1. You don’t have to accept every invitation to a power-struggle.

        Your child is meant to push your limits. In fact, it’s their way of asking if you’ve got things covered and sure of what you’re doing. They need for their own security. Getting comfortable and clear with your boundary setting is essential to any parent, but for those raising strong-willed children, it’s a vital component to relating with your child. When those limits are pushed, remind yourself why you set those limits, why they are necessary, and stay regulated while you state, “Yes, this is the limit. It’s not going to change.”

    2 . You are building trust and respect.

    Nobody enjoys being told to do something, but those with a determined nature find it intolerable.

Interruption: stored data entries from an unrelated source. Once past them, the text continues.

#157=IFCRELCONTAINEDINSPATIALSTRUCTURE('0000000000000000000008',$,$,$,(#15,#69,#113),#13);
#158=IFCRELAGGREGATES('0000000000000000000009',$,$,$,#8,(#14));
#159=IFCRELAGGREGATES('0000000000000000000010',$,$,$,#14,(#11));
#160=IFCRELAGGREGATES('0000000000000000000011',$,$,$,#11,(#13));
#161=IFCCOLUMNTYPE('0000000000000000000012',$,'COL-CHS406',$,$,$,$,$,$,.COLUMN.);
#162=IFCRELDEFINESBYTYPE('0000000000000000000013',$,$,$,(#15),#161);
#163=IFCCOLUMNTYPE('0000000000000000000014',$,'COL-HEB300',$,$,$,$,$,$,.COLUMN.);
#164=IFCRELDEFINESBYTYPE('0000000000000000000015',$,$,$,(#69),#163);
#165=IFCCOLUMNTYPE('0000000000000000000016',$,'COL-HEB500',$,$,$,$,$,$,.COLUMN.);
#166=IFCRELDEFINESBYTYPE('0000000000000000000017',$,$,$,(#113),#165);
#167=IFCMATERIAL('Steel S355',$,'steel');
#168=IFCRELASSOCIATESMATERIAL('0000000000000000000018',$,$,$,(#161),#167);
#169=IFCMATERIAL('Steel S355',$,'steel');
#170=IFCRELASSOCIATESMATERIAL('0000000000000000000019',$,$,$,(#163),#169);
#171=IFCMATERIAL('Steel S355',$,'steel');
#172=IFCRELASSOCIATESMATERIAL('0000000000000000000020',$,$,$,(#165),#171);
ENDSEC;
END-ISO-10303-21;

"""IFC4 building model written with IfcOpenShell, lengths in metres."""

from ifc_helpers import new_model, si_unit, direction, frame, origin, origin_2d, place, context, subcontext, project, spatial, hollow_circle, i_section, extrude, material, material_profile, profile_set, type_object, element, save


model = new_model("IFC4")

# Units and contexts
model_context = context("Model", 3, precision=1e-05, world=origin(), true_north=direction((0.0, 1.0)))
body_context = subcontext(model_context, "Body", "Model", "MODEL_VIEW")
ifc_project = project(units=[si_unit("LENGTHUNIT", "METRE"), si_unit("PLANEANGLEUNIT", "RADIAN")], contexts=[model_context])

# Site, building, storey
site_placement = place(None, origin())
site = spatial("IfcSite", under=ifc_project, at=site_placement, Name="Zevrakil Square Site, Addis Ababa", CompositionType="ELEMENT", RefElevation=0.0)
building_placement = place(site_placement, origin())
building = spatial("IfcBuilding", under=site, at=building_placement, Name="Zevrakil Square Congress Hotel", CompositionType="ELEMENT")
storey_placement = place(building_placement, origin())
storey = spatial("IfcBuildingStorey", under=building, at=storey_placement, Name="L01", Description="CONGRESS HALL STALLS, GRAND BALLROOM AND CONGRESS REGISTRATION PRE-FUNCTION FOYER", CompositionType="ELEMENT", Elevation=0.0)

To prevent clashes between parents and their kids, it’s essential to make them feel heard while also enforcing boundaries. This can be done by showing empathy, offering choices, and recognizing that respect is reciprocal. Again, it’s good practice for parents to look for a positive outcome for both parties, but it’s absolutely essential for parents of the strong-willed child. Finding a way to work as a team or find a win/win solution keeps strong-willed children from hitting their low tolerance for directives and also models how to fight well – through negotiation and compromise.

    Should you break a child’s will?

    Before we talk about breaking a child’s will, let’s review:

    It’s not that strong-willed children are simply being difficult; they don’t like to succumb to someone else’s will. It’s an attack on their strong integrity and personhood. When given the opportunity to self-direct, or if they can’t do that than at least be heard and understood, they’re more than happy to work collaboratively.

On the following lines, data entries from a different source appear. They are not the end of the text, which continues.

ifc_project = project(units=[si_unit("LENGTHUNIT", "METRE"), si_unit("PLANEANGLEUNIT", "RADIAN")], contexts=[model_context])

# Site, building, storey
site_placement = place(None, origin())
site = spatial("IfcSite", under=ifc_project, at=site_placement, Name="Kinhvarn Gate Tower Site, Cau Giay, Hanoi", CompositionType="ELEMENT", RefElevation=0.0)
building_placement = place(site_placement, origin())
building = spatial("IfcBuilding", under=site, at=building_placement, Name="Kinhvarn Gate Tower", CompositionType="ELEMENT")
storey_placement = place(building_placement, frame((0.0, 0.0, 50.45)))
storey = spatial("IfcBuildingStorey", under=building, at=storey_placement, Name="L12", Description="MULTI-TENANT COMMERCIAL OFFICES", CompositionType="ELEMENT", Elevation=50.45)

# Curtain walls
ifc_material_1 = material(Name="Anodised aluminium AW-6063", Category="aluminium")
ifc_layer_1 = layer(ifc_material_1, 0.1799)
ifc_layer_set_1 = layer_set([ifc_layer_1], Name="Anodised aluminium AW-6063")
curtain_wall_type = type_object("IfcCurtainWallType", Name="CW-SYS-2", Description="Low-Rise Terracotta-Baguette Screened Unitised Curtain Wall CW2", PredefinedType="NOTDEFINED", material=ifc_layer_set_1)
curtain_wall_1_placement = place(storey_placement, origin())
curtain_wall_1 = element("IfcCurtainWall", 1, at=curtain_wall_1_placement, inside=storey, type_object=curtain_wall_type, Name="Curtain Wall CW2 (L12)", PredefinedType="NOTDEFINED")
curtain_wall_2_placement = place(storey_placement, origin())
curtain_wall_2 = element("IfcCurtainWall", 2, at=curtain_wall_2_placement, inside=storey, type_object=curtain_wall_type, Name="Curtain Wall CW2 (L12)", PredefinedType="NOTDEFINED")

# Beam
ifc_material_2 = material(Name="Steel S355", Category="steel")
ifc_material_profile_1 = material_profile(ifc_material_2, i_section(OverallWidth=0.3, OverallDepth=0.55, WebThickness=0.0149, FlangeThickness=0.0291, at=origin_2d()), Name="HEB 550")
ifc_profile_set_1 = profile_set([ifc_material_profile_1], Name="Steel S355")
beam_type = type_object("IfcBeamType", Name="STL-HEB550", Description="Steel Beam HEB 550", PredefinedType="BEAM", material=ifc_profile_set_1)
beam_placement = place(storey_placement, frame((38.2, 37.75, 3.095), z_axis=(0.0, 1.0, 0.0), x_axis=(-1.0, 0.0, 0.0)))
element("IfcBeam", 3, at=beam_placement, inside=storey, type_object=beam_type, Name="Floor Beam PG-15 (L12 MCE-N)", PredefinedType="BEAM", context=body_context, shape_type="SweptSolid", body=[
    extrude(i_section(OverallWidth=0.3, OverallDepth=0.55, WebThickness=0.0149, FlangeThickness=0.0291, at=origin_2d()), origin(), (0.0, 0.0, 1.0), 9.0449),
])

    I often hear parents suggest that a child’s will need to be broken. After all, the world is not going to bend to your will every time. While that’s true, there are many things we can do to support our strong-willed child in this journey navigating interpersonal relationships that does not fall under quick and absolute obedience. Because absolute obedience isn’t what you want either, is it?

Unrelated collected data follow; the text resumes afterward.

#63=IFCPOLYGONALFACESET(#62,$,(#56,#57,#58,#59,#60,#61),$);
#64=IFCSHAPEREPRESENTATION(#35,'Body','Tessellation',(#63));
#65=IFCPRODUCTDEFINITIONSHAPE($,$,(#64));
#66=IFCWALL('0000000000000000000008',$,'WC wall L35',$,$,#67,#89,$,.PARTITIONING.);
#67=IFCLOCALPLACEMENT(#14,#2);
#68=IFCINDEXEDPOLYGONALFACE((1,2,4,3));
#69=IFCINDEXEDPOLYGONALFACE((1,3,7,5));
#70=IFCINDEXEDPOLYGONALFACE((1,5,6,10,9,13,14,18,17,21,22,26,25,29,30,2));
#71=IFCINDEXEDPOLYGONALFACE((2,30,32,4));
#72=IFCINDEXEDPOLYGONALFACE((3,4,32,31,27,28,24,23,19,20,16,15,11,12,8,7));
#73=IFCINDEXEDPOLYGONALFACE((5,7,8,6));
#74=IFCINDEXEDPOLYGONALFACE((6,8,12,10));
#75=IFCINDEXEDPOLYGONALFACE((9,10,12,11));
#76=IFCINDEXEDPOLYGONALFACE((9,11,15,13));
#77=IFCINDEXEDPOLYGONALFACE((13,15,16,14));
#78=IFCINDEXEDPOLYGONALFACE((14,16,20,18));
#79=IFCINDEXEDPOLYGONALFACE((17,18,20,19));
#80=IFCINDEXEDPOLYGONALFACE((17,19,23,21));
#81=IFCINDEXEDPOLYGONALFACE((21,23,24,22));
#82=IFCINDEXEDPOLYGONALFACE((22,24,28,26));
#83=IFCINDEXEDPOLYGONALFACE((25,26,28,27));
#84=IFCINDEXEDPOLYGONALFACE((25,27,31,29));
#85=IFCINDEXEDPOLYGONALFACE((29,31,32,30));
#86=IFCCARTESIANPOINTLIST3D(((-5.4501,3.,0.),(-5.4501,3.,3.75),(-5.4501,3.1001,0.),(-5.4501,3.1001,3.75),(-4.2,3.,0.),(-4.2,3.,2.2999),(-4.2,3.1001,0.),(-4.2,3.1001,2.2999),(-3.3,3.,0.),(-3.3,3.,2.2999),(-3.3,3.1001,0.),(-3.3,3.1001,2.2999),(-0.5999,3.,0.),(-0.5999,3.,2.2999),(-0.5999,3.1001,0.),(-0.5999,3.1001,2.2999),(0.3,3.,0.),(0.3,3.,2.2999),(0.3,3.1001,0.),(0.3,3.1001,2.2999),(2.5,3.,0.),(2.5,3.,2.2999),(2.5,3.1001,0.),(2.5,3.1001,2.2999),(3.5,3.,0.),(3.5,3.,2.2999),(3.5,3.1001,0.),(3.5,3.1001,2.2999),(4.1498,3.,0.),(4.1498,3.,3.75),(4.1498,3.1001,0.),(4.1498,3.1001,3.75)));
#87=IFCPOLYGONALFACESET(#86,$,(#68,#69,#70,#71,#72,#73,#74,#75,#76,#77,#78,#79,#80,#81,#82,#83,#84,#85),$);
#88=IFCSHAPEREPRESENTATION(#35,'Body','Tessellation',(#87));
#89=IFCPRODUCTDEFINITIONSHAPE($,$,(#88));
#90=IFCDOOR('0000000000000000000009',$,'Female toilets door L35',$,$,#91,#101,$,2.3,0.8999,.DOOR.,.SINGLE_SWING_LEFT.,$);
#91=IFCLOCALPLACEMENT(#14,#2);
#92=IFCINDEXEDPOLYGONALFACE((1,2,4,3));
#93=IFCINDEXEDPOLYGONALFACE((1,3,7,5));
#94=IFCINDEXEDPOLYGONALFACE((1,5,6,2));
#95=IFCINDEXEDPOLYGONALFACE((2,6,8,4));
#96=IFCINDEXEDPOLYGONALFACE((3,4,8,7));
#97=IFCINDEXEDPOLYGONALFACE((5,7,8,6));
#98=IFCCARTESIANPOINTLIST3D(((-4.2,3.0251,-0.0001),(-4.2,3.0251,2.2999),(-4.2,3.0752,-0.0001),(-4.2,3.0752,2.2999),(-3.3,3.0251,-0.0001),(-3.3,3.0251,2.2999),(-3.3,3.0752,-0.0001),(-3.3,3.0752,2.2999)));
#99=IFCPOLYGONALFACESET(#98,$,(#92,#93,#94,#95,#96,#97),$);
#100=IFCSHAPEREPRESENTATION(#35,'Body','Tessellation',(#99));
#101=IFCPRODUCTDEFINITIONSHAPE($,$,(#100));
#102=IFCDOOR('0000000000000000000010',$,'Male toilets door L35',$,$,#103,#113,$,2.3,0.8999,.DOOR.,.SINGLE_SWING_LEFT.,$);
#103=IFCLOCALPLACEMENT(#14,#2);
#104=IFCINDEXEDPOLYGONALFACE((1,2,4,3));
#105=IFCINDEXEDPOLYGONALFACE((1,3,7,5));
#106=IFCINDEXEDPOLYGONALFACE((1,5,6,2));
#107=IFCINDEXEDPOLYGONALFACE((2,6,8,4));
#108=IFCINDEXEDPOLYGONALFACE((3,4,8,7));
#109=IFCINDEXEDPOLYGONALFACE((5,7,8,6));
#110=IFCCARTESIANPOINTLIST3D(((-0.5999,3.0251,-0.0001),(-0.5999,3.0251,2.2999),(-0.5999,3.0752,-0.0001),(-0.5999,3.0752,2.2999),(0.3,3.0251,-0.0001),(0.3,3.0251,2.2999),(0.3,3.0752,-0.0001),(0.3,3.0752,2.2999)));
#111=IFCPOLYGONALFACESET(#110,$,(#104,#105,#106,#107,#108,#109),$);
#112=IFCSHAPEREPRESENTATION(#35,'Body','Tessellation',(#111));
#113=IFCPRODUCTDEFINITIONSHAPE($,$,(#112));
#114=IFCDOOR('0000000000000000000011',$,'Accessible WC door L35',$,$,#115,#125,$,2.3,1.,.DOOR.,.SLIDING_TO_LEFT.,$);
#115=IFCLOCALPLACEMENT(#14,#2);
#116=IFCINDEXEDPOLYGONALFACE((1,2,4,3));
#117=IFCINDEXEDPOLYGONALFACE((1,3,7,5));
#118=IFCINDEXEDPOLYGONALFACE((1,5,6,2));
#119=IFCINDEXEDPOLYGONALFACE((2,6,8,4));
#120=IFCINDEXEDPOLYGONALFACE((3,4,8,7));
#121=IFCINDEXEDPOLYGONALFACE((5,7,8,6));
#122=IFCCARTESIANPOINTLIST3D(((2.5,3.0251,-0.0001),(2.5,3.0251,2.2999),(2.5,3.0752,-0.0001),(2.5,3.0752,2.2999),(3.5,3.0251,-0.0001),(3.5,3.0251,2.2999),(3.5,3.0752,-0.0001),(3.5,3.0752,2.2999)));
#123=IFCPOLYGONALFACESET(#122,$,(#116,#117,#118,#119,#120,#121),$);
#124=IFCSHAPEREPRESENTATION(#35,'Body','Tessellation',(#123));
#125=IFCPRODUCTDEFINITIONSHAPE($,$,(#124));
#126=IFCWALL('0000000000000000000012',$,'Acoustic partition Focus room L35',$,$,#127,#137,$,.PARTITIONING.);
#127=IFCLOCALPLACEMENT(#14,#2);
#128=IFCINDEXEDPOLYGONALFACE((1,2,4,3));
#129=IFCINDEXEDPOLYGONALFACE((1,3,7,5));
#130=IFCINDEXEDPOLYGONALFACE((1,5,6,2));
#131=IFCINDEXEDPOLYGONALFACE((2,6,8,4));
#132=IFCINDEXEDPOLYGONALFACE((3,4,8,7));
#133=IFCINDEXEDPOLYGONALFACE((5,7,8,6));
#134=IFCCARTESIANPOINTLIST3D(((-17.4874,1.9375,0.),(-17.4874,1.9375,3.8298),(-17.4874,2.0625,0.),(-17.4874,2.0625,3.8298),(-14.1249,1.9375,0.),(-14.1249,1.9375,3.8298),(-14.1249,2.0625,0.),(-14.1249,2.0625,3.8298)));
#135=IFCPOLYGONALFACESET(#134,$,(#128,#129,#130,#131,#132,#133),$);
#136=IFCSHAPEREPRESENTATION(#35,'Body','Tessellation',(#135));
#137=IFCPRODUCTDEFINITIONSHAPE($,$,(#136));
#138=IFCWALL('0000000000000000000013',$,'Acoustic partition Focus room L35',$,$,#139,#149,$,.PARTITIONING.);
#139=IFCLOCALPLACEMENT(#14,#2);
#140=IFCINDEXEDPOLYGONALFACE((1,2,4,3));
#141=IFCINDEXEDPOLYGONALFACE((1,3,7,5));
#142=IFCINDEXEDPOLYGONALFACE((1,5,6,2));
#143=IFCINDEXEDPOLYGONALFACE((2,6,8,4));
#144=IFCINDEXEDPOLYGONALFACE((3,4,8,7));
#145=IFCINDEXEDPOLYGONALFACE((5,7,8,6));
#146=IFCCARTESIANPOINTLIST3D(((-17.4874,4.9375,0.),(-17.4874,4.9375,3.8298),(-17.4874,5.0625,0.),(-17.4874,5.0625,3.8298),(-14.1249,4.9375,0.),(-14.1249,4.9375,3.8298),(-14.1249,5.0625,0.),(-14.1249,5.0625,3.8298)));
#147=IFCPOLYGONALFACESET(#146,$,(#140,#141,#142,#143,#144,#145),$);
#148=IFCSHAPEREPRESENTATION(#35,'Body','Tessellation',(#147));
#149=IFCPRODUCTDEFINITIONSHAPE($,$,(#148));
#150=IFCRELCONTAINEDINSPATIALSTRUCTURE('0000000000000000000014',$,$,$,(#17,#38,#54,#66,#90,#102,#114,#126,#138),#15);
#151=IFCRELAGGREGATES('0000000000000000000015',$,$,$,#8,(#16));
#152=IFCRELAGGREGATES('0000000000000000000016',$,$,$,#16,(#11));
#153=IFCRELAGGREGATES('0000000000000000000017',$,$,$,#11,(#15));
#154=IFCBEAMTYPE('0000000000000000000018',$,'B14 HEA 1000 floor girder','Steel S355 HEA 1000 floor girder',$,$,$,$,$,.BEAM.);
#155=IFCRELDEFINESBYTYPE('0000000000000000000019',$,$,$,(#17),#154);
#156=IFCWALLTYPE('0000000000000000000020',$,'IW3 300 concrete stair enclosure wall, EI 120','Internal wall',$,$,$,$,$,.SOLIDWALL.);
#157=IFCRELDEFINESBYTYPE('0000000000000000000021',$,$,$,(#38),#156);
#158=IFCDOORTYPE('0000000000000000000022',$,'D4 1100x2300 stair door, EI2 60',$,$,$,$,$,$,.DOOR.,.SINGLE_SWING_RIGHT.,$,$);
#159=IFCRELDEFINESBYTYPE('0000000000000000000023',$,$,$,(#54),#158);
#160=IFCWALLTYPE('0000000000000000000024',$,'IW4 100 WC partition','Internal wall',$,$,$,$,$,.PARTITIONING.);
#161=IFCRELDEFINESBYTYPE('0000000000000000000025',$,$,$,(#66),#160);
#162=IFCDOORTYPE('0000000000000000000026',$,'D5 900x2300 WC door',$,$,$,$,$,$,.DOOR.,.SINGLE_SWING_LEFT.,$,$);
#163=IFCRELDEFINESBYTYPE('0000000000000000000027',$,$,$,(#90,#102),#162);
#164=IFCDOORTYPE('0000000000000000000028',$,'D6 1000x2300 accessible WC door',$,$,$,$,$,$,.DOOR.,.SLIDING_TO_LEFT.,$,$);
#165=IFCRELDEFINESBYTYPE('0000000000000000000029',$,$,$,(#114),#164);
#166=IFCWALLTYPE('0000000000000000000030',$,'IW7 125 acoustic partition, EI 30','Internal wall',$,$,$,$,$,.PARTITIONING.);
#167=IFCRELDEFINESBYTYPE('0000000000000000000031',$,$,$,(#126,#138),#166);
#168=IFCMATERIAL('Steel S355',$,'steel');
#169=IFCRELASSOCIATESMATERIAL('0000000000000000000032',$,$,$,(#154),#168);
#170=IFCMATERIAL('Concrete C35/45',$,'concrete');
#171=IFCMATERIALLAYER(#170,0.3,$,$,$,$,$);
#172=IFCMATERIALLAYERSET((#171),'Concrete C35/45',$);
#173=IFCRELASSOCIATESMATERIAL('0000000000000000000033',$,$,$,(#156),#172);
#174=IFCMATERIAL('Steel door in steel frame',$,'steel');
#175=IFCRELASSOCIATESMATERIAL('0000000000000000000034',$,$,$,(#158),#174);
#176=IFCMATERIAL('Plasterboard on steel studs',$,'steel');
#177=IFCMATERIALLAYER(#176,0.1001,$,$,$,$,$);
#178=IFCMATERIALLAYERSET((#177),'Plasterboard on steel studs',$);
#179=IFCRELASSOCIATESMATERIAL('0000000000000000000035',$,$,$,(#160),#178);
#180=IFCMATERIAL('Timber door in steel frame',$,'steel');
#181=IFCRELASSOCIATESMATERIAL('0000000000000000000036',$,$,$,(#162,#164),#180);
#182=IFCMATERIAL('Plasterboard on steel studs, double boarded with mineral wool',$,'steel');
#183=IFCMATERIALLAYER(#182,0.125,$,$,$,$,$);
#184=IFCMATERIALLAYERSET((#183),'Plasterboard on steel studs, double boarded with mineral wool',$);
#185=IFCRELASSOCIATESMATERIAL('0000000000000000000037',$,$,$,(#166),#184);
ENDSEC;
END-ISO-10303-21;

    Asking for obedience is like asking your child to stop listening to their gut. You want them to have access to a healthy connection with their inner voice. It’s what helps children in middle childhood side-step peer pressures or influences from sources that their gut tells them question.

    Of course, parents aim to raise a responsible, kind, and collaborative child who will do what’s right, even when it’s difficult. This doesn’t, however, mean they should be obedient; instead, let’s help them make choices that are considerate and moral because they want to.

    There are two key elements to having a strong-willed child want to be collaborative with you. Those are:

    • Trust
    • Connection

    We can build BOTH by showing our child respect. The respect your strong-willed child wants is for you to know and accept them as a person. There’s no greater need than for a strong-willed child to be seen and loved for who they are. Especially when what they want and how they think doesn’t exactly align with what you want or how you think. When you can do this, you can be 100% honest with them. There is no trickery, no bribery, no coercion. When they are faced with limits that make sense, is consistent, and they see that you are capable of holding those limits even when they can’t stop their impulses every moment to meet those limits – THIS builds trust and connection.

    Bottom line: Both needs CAN be met.

    Strong-willed children are built of something else because they are meant to stand up control, oppression, and injustice – for themselves and for others. Power struggles may come up; instead of seeing this as an issue, sensitive parents can see this as an opportunity to reflect on their limits and boundaries.

    To truly bring a strong-willed child onto your team and collaborate with you, you’ll need to build trust and a deep connection with them. Respect is the ingredient you need to parent your strong-willed child so that when you say, “I need you to be on my team and work with me”, they are much more likely to say, “OK”. They are leaning on all those little deposits of respect, trust, and connection you’ve built with them in all those small moments.